In [1]:
import torch
import torch.nn as nn

batch_size, hidden_size =4, 8

class Net(nn.Module):
    def __init__(self):
        super().__init__()
        self.z1 = None
        self.w1 = nn.Linear(hidden_size, hidden_size, bias=False)
        self.w2 = nn.Linear(hidden_size, 1, bias=False)
    
    def forward(self, x):
        z1 = self.w1(x)
        print(z1)
        self.z1 = z1.clone().detach()
        z2 = self.w2(z1)
        return z2

In [2]:
model = Net()

def print_number_of_trainable_model_parameters(model):
    trainable_model_params = 0
    all_model_params = 0
    for _, param in model.named_parameters():
        all_model_params += param.numel()
        if param.requires_grad:
            trainable_model_params += param.numel()
    return f"trainable model parameters: {trainable_model_params / 1e9:.1f}G\nall model parameters: {all_model_params}\npercentage of trainable model parameters: {100 * trainable_model_params / all_model_params:.2f}%"

print(print_number_of_trainable_model_parameters(model))

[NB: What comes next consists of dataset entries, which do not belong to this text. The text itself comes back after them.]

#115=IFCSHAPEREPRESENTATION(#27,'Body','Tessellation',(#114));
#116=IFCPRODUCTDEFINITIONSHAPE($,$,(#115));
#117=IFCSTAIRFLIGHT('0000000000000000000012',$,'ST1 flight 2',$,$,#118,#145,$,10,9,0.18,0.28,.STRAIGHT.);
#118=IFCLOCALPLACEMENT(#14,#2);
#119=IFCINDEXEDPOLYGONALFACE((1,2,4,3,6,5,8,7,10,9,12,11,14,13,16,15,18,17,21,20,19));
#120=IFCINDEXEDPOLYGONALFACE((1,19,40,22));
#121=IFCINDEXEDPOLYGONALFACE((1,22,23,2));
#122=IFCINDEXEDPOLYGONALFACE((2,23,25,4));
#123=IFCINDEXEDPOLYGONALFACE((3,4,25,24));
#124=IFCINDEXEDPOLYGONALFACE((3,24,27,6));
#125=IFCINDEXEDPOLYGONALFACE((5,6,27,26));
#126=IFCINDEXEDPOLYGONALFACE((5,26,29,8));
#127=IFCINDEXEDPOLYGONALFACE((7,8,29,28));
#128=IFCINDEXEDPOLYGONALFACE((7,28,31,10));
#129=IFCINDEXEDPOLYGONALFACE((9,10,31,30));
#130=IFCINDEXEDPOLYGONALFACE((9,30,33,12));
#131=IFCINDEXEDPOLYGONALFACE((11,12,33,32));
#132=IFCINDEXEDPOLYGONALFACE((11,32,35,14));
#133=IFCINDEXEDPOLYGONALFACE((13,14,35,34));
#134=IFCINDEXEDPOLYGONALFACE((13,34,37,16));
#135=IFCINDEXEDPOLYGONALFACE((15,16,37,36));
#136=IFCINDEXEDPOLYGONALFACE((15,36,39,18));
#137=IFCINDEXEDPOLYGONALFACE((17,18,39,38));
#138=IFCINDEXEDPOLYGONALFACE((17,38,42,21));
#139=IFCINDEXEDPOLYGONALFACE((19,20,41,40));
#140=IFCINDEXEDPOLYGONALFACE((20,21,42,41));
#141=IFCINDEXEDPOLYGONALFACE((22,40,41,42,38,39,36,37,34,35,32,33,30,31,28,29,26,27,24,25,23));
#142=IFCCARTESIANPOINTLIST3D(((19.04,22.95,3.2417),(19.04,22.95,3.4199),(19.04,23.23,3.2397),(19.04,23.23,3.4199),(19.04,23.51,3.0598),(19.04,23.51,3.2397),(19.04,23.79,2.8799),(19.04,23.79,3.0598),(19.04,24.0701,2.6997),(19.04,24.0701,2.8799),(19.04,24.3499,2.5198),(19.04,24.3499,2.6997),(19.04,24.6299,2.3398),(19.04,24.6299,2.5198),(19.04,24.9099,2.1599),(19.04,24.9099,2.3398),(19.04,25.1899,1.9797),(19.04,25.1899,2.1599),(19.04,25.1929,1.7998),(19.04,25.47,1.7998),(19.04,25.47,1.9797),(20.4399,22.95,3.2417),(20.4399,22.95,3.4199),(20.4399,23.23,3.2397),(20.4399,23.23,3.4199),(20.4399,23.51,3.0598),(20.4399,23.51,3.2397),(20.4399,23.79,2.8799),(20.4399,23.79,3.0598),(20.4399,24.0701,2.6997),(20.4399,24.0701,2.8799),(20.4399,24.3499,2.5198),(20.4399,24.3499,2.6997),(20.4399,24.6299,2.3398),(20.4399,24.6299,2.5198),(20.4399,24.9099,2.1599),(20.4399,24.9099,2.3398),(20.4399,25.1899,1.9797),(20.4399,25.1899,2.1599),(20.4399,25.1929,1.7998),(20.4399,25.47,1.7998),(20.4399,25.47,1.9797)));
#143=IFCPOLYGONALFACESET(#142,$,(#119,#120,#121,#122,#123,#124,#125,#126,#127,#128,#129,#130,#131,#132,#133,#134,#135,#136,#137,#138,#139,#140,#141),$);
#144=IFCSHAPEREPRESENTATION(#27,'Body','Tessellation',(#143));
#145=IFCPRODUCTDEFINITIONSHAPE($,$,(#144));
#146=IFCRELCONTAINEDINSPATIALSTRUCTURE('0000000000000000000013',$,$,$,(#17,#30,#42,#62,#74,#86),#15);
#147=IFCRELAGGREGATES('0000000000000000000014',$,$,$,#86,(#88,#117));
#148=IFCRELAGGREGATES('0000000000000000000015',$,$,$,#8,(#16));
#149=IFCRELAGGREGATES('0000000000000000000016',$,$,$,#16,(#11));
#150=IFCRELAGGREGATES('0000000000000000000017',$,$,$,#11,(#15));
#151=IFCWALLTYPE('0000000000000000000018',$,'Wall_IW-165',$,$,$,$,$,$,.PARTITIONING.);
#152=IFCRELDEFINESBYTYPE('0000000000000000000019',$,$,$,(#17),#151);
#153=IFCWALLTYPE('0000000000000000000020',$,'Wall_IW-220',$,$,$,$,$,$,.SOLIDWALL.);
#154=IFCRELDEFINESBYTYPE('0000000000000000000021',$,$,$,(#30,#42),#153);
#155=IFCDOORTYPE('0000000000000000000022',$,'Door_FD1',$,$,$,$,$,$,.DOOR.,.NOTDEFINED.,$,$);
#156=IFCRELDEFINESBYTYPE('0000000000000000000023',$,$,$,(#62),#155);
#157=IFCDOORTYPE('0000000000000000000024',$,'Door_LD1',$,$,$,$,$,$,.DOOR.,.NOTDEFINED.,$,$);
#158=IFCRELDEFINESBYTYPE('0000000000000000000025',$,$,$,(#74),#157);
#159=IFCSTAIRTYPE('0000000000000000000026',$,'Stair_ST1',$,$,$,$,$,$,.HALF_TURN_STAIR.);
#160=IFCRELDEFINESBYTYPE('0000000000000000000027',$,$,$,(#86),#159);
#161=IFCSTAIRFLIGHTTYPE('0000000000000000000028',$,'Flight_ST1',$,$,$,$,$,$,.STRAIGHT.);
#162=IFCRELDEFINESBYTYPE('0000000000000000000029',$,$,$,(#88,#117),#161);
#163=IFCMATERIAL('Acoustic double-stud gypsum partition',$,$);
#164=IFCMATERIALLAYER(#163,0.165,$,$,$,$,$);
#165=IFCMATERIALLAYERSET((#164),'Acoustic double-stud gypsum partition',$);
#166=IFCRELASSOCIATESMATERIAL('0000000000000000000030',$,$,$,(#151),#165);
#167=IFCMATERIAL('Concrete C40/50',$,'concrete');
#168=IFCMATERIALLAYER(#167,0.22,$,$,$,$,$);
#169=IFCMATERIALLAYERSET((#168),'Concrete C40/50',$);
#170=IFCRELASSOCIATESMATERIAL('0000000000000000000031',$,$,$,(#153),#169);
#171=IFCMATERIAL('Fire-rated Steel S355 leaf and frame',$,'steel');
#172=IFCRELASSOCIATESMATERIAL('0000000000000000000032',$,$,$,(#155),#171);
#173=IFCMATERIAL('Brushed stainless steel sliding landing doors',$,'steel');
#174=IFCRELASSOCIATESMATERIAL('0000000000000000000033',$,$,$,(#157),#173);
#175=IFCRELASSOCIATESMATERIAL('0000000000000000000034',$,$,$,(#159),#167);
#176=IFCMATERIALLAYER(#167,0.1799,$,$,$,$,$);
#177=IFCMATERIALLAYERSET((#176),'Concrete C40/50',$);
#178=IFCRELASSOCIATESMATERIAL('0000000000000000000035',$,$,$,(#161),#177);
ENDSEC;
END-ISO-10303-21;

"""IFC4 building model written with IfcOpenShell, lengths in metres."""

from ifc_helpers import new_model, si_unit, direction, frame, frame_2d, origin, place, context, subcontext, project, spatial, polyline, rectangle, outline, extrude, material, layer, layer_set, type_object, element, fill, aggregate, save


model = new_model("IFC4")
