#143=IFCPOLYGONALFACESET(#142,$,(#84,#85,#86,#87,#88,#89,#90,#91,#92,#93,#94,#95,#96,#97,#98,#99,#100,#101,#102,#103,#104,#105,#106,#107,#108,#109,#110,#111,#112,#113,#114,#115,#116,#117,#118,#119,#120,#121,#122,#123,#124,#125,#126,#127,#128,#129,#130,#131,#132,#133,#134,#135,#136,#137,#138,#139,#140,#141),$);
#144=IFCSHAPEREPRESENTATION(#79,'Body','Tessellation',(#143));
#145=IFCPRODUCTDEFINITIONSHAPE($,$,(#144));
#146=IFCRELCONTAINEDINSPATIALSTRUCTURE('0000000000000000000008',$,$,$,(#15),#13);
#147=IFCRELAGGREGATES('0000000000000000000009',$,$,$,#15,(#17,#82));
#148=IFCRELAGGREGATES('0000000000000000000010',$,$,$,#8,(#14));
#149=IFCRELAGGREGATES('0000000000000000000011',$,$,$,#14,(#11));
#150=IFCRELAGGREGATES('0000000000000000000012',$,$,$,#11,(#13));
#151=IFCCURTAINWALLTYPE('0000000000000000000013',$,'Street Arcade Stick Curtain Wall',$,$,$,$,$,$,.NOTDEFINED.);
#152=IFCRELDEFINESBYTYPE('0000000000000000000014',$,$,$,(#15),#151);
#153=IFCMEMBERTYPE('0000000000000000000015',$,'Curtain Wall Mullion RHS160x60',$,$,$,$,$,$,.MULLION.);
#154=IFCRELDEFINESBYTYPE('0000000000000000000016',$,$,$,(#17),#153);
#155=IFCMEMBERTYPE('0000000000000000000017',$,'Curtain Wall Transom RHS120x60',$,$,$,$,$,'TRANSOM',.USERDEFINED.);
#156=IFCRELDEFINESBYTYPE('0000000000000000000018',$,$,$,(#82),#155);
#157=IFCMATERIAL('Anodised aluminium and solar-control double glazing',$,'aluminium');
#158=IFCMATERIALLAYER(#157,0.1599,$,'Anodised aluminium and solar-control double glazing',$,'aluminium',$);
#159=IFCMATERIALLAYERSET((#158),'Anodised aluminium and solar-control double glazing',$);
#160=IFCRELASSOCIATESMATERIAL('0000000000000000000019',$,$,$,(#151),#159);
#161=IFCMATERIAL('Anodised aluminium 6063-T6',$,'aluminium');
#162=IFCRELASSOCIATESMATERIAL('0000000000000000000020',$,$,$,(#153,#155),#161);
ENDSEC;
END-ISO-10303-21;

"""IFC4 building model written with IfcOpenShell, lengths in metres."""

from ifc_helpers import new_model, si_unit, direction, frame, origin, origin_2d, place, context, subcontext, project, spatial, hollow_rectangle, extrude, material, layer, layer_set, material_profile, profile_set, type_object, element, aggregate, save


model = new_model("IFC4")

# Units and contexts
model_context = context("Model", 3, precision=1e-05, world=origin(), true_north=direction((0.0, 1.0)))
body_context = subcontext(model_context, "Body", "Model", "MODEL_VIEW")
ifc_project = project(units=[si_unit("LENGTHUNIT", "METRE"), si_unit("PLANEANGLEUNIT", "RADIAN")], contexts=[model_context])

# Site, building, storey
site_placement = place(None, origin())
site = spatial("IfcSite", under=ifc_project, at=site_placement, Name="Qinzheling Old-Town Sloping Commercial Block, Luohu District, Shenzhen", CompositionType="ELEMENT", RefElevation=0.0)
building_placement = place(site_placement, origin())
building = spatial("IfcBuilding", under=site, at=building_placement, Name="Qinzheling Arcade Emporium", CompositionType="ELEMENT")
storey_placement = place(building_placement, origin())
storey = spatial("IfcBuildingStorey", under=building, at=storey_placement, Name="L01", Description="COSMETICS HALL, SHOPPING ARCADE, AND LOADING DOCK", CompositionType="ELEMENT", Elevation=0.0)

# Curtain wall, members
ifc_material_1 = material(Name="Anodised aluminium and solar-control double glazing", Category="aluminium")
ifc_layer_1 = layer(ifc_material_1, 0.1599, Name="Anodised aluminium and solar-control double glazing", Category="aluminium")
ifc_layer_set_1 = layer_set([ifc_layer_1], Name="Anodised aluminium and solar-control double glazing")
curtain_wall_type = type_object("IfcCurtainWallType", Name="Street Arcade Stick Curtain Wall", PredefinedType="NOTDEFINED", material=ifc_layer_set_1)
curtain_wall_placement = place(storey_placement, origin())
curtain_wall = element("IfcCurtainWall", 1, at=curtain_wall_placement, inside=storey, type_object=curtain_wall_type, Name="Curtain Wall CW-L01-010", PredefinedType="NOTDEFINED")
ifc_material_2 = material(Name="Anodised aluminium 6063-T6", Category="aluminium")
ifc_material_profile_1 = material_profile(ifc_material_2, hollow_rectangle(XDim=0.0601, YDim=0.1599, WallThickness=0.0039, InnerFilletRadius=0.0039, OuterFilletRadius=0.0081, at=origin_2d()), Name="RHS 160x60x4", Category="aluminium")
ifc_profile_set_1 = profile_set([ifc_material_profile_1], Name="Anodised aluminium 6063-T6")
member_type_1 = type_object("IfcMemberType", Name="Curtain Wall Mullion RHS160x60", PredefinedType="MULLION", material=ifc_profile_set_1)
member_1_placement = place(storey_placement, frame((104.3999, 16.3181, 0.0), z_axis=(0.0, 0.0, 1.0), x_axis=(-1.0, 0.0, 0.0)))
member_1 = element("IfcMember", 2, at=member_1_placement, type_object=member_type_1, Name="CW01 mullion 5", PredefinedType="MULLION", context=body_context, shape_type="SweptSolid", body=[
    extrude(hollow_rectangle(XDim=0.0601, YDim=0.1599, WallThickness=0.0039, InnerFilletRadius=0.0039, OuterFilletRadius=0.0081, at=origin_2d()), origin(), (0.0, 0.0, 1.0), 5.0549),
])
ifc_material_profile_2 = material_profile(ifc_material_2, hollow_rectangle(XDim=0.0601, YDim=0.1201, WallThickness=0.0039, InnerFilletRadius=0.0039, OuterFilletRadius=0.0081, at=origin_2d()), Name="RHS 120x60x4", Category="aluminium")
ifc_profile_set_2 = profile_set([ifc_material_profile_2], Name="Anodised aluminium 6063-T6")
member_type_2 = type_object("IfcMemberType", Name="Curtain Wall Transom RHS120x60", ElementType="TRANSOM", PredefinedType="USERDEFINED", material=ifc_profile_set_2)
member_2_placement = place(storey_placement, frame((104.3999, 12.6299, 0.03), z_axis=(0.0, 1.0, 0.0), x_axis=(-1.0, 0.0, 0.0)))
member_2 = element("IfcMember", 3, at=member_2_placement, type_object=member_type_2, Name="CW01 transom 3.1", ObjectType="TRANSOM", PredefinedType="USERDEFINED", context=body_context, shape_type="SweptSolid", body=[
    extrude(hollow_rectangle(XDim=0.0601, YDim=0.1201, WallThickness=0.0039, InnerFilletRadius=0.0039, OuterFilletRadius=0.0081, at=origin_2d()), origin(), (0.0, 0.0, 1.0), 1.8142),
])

trainable model parameters: 0.0G
all model parameters: 72
percentage of trainable model parameters: 100.00%


In [3]:
from torch.optim import SGD

fp32_model= Net().to("cuda")
lr = 1e-0
optimizer = SGD(fp32_model.parameters(), lr=lr)
# print(lr)  #1.0

In [4]:
fp32_model.w1.weight

Parameter containing:
tensor([[-0.0906, -0.0177,  0.3129,  0.1098, -0.2905, -0.1271, -0.1763,  0.1325],
        [-0.1657,  0.0474,  0.2535, -0.0791, -0.0824,  0.0549,  0.1489,  0.2605],
        [-0.2464, -0.2973,  0.1691,  0.1777, -0.0475, -0.3374, -0.1192, -0.3453],
        [ 0.2817,  0.3462,  0.2579, -0.2603,  0.1440, -0.1558,  0.0590,  0.2681],
        [ 0.0908, -0.1774,  0.1442,  0.2615, -0.0706, -0.0726,  0.1265,  0.2917],
        [-0.1459, -0.1778, -0.2187, -0.1222,  0.0954, -0.1505, -0.2023,  0.0204],
        [ 0.0171,  0.3026, -0.2561, -0.3250, -0.1028,  0.3338,  0.1469,  0.0285],
        [ 0.1566, -0.3480, -0.1715,  0.2985,  0.1476, -0.3179,  0.1371,  0.1631]],
       device='cuda:0', requires_grad=True)

In [5]:
fp32_model.w2.weight

Parameter containing:
tensor([[ 0.2247,  0.1487,  0.0881, -0.2991,  0.0971, -0.0459,  0.2221, -0.1868]],
       device='cuda:0', requires_grad=True)

In [6]:
import torch

# example input sizes
#batch_size, hidden_size =4, 8

# create dummy data (bsz=4, hid=256)
x = torch.randn(batch_size,hidden_size, dtype=torch.float, device="cuda") 

# do forward
z2 = fp32_model(x)

# check dtypr of output logits
f"logits type = {z2.dtype}"

tensor([[-0.2388, -0.0356, -0.1086,  0.4998,  0.0016, -0.5134, -0.0702, -0.0403],
        [-0.6645, -0.0950, -0.7363,  0.5179, -0.5337, -0.3007,  0.6192, -0.6999],
        [-0.4698,  0.1093, -0.9383,  0.2190, -0.0976, -0.2578,  0.8914, -0.2335],
        [-0.3563, -0.7386,  0.2531, -0.5503,  0.1289,  0.4823, -0.4234,  0.9617]],
       device='cuda:0', grad_fn=<MmBackward0>)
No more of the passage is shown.